1. C[A_s]AS and MEGG indices - Using bona fide samples of spirals and ellipticals defined from Galaxy Zoo 1, we confirm that concentration is the most reliable CAS parameter for separating early and late types, whereas asymmetry-based indices (A, A_S, and S) exhibit substantial overlap between the two classes and are therefore best suited for separating strongly disturbed systems rather than performing a clean spiral-elliptical split (Fig. 5). In contrast, all indices in the MEGG system (M₂₀, entropy, Gini, and G₂) provide strong and consistent separation, highlighting their robustness as tracers of bulge- versus disk-dominated morphologies;

2. Connection with T-Type and visual classification - When compared with CNN-based T-Types (Fig. 6), the indices not only recover the global spiral-elliptical division but also trace a continuous gradient along the Hubble sequence. The trend is particularly steep for M₂₀, E, Gini, and G₂, which respond to substructure and clumpiness in spiral galaxies. Moreover, the indices reproduce the distributions obtained from Galaxy Zoo visual classifications (Fig. 7), demonstrating that nonparametric indices capture, to first order, the same morphological traits perceived by human classifiers;

3. Machine-learning classification - Using their discriminatory power, we provide the indices as input features to a binary LightGBM classifier (Figs. 8 and 10), focused on discriminating between spirals and early-type systems (E+S0s). The model achieves high accuracy (97%) and produces well-calibrated probabilities of a galaxy being spiral, with entropy, concentration, and Gini consistently emerging as the most influential features.

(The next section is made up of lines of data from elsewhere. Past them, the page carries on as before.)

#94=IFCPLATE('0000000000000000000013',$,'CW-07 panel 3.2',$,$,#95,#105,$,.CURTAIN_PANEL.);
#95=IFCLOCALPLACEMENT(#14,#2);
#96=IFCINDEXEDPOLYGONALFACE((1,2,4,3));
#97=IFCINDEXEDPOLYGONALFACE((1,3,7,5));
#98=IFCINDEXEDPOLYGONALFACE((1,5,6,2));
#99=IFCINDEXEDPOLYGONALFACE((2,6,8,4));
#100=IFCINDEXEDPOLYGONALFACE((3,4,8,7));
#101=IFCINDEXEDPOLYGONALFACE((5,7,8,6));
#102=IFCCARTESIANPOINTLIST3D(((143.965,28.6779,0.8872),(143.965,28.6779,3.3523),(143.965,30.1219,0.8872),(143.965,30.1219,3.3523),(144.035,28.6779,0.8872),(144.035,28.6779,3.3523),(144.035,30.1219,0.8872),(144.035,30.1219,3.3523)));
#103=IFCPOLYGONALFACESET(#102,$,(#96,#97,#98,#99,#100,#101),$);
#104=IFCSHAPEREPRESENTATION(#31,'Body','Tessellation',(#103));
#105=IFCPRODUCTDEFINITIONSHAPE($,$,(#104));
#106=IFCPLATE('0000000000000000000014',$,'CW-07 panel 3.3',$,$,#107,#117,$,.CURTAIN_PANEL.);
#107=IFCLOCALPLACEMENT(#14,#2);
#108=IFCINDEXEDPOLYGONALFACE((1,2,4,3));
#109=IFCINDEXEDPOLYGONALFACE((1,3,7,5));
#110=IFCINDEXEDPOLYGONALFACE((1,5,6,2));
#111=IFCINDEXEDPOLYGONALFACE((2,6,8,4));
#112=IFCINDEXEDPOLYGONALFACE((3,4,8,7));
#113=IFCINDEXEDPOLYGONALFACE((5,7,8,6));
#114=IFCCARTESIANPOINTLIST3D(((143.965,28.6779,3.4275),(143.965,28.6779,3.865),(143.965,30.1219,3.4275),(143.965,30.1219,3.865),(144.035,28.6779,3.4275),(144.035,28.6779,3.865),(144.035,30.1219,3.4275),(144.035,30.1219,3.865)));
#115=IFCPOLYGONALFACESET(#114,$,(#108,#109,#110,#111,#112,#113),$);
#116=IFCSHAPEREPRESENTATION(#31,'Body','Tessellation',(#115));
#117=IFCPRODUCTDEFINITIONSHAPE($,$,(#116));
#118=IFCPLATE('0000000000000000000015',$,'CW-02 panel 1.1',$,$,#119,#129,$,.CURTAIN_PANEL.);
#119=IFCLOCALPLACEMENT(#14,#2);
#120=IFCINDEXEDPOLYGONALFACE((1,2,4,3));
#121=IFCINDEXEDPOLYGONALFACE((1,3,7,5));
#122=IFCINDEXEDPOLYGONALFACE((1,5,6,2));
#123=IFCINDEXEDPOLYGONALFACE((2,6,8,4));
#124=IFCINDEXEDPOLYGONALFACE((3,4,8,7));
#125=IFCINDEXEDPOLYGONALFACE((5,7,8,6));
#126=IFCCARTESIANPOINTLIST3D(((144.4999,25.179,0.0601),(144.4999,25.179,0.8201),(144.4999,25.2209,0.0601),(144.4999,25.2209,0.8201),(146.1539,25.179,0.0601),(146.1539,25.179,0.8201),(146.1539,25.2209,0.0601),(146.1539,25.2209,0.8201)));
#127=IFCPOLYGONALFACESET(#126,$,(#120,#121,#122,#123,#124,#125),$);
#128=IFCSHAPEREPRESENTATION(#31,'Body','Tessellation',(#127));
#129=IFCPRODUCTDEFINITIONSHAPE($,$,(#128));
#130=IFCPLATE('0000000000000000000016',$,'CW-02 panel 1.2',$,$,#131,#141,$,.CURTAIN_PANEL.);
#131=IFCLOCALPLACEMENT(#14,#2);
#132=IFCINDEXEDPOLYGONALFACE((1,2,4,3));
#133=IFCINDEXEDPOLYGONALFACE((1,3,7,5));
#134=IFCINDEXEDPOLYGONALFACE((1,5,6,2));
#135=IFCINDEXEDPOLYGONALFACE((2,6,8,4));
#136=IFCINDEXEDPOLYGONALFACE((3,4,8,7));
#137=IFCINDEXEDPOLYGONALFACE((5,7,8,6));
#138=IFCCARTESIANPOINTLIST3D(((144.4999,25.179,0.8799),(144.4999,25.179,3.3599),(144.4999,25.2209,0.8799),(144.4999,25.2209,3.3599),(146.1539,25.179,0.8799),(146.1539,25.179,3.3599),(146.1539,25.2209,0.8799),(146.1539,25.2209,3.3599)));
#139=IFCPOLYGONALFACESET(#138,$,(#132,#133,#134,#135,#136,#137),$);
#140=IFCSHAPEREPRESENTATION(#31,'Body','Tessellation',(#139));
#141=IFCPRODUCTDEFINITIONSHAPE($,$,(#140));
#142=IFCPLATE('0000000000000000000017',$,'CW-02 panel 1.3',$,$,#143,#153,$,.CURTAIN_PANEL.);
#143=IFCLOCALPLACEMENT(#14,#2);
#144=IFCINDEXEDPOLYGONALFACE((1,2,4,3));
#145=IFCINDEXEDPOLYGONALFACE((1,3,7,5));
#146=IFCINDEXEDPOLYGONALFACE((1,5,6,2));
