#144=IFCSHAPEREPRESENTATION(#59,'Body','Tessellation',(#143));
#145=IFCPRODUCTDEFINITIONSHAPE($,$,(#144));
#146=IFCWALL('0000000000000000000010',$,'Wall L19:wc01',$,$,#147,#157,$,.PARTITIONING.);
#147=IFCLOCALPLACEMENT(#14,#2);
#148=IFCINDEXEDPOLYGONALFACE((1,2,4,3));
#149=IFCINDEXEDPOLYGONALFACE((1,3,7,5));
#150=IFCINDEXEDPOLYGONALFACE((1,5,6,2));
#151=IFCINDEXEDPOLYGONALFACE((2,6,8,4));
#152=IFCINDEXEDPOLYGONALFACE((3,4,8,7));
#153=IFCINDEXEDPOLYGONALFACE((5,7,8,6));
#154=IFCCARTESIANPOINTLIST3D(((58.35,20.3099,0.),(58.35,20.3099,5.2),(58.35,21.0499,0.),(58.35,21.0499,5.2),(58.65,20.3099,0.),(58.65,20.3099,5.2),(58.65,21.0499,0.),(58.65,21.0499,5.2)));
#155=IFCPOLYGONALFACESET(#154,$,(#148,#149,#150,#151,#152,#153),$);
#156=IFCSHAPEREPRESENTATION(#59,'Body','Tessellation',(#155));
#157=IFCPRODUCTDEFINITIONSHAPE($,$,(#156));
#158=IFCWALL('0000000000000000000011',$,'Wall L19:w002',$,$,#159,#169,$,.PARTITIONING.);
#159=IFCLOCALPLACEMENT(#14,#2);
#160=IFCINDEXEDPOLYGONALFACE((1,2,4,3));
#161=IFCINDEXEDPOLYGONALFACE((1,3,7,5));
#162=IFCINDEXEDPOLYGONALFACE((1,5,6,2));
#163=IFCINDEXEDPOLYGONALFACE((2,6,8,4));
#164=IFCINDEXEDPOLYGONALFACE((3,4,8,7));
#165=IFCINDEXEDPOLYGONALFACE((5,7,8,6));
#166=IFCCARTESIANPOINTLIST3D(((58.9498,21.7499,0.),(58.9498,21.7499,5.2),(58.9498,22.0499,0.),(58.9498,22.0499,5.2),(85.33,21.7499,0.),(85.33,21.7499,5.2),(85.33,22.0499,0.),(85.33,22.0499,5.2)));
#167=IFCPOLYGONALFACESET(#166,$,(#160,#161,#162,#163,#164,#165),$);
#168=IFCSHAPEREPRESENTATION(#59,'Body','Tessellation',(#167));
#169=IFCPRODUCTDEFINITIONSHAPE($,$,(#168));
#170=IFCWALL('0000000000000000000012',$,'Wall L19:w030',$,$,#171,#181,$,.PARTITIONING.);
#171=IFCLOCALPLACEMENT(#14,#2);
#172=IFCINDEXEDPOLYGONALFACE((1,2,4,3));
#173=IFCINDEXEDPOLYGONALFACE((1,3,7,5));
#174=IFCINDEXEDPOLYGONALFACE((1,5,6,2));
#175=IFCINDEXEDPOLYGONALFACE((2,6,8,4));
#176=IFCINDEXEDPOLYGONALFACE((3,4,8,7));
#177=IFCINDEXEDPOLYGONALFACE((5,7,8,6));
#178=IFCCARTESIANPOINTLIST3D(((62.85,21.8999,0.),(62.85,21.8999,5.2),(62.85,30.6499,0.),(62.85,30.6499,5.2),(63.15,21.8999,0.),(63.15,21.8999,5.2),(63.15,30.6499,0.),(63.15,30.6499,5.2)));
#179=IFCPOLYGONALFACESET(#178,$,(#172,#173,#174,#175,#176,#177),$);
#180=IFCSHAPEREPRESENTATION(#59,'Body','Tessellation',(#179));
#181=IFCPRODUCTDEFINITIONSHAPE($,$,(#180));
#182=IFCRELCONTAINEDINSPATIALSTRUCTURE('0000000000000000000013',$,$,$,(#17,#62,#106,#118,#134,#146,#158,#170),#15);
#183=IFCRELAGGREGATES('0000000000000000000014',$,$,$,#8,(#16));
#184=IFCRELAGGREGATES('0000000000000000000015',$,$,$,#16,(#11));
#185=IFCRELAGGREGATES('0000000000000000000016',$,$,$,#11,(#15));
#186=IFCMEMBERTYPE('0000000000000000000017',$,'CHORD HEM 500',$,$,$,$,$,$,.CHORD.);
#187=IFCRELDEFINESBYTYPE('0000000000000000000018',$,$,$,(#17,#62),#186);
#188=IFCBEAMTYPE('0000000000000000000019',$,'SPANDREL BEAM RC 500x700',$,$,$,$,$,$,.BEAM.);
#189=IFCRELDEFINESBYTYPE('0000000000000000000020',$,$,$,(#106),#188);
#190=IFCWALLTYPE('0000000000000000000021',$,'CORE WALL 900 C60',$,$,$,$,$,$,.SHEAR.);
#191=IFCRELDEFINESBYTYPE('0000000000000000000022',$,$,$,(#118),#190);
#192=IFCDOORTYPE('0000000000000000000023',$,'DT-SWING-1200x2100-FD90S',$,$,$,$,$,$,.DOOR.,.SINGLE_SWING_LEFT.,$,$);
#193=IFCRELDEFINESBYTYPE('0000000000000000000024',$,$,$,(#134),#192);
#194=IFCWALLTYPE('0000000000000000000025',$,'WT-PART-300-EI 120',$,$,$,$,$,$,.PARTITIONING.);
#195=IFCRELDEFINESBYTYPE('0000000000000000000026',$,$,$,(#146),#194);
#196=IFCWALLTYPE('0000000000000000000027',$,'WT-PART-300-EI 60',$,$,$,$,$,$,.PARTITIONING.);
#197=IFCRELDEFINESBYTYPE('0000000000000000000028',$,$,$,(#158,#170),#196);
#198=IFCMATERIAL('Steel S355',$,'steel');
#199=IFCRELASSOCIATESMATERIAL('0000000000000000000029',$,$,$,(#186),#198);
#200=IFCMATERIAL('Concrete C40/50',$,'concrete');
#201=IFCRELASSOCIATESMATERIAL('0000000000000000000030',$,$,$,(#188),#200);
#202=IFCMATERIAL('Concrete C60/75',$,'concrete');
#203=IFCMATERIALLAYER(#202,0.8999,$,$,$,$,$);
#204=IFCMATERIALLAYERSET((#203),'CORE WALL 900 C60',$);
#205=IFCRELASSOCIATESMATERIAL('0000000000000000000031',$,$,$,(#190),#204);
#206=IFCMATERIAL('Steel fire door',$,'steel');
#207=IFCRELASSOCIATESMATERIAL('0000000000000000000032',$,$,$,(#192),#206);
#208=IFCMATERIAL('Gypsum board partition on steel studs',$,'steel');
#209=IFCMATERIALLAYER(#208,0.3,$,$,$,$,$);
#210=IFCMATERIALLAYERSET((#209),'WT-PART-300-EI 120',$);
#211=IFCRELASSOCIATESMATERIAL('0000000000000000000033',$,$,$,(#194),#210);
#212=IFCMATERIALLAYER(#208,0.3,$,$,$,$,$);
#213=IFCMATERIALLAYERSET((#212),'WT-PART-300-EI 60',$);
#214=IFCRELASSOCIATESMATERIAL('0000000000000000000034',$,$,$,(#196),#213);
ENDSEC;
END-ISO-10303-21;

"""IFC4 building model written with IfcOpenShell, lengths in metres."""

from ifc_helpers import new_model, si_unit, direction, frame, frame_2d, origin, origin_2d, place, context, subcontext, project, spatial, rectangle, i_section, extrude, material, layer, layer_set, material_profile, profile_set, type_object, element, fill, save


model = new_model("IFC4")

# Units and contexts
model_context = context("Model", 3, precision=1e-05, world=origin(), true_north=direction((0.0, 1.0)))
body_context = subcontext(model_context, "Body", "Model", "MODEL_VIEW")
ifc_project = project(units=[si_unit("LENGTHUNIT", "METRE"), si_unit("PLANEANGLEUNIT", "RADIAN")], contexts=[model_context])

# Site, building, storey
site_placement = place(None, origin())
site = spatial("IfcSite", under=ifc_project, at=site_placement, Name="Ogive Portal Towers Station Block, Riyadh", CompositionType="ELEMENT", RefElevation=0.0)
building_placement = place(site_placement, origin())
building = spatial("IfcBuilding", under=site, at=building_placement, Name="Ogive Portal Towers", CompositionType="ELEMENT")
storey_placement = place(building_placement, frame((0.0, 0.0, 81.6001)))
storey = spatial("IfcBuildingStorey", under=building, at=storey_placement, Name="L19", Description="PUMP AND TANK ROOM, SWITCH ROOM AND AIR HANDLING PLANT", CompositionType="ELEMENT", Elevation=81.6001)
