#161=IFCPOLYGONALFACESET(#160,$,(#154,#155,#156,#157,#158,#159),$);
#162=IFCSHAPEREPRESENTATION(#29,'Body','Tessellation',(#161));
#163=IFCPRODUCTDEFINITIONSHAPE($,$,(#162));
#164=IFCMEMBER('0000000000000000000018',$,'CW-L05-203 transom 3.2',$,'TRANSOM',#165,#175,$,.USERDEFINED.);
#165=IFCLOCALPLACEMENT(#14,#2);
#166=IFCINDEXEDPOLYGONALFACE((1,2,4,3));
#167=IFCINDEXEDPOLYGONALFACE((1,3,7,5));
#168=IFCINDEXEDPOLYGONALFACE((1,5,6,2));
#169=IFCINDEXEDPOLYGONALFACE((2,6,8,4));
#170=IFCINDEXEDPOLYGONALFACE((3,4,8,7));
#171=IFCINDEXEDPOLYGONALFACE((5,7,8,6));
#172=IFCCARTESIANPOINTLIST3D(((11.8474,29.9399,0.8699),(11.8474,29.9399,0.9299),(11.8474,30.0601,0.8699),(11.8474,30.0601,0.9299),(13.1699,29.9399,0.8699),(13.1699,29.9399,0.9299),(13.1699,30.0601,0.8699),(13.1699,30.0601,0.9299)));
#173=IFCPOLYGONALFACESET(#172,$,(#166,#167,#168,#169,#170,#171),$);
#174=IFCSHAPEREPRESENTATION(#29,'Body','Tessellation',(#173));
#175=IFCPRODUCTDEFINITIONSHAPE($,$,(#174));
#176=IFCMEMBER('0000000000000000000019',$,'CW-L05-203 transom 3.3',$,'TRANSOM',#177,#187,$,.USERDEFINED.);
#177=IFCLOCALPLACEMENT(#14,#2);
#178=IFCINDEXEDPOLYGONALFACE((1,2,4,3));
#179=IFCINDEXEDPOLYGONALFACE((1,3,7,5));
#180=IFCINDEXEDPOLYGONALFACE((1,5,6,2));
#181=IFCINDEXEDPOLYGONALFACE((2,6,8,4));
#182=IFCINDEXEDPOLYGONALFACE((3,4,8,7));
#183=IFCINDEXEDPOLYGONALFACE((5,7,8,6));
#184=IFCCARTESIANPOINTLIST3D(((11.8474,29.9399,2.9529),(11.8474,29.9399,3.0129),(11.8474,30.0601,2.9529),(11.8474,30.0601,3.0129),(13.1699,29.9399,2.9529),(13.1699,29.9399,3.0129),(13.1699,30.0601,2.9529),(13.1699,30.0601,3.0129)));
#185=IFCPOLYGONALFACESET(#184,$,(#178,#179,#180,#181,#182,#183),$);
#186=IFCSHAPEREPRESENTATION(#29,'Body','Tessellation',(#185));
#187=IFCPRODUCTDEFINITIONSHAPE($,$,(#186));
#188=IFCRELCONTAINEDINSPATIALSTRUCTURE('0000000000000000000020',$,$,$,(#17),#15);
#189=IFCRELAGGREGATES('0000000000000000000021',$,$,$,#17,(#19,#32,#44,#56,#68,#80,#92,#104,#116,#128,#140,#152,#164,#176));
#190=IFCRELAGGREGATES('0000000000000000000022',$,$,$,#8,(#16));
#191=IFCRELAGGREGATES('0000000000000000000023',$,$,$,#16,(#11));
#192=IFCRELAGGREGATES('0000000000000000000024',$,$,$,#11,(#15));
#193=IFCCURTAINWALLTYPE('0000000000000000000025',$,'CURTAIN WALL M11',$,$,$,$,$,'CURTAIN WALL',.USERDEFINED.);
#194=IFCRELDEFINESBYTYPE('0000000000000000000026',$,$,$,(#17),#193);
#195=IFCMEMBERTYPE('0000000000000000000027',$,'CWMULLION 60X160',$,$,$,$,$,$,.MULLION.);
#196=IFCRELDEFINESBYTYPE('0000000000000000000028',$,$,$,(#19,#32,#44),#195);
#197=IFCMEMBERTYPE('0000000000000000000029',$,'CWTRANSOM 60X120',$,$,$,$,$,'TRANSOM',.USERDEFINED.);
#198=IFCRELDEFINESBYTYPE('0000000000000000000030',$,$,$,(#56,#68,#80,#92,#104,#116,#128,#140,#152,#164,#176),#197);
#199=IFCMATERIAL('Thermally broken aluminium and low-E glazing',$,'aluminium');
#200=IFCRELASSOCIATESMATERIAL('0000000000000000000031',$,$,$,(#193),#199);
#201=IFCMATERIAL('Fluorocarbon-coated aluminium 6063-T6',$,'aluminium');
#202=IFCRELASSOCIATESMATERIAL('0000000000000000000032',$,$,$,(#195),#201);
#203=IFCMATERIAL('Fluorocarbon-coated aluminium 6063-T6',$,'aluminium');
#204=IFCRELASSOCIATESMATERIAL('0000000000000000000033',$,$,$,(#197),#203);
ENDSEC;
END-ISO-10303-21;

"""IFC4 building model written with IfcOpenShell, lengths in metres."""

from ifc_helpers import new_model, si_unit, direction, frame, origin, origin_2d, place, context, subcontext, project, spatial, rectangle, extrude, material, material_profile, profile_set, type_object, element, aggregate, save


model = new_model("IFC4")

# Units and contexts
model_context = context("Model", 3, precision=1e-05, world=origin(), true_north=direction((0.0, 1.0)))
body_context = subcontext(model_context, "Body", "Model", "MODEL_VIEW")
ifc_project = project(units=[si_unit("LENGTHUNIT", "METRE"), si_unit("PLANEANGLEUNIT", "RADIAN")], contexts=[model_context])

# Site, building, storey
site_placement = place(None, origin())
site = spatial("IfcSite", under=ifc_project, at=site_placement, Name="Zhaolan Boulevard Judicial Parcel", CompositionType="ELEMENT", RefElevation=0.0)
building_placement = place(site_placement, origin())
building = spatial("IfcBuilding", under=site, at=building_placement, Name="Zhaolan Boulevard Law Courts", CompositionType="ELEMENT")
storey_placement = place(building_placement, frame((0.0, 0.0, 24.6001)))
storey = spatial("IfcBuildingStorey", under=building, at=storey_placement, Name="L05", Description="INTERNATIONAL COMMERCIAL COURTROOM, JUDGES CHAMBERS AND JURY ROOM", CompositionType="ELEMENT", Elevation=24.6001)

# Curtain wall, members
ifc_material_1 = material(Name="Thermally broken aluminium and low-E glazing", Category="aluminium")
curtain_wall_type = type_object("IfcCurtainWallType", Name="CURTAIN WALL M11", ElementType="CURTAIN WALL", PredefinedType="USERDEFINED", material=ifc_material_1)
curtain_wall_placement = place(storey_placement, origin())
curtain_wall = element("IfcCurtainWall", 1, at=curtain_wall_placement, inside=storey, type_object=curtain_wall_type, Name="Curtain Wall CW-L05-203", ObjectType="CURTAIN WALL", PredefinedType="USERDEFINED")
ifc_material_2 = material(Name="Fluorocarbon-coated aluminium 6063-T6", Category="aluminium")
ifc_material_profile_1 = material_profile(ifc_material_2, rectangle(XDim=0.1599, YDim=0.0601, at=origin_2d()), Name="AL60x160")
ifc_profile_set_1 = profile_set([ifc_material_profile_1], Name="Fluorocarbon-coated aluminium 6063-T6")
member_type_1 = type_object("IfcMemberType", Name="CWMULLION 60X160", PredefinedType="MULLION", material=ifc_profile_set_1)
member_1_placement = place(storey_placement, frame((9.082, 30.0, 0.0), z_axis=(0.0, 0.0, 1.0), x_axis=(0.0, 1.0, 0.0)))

An important caveat that emerges from our analysis is that the reliability of control samples depends strongly on the adopted visual classification scheme. In particular, the top-level separation in Galaxy Zoo DECaLS into smooth versus disk-feature categories is not equivalent to the classical early- versus late-type division. We show that the distributions of nonparametric indices for these DECaLS classes differ significantly from those of ellipticals and spirals selected from Galaxy Zoo 1, with the largest discrepancies appearing when comparing smooth galaxies to elliptical ones. This mismatch reflects the subjectivity of the smooth category, which can include both bulge-dominated disks and genuine ellipticals, and leads to systematically different metric distributions. Moreover, training a machine-learning classifier on the DECaLS smooth-disk labels results in degraded performance compared to using the GZ1 spiral and elliptical subsamples, directly affecting both the reliability and purity of the resulting classifications. These biases are further compounded by the dependence of vote fractions on redshift, luminosity, and Petrosian radius, which imprint observational effects onto the labels themselves. Together, these results highlight that the choice of training set and classification scheme is not a neutral decision: it can propagate systematic biases into automated classifications, underscoring the need for careful sample definition when bridging visual projects and machine-learning frameworks.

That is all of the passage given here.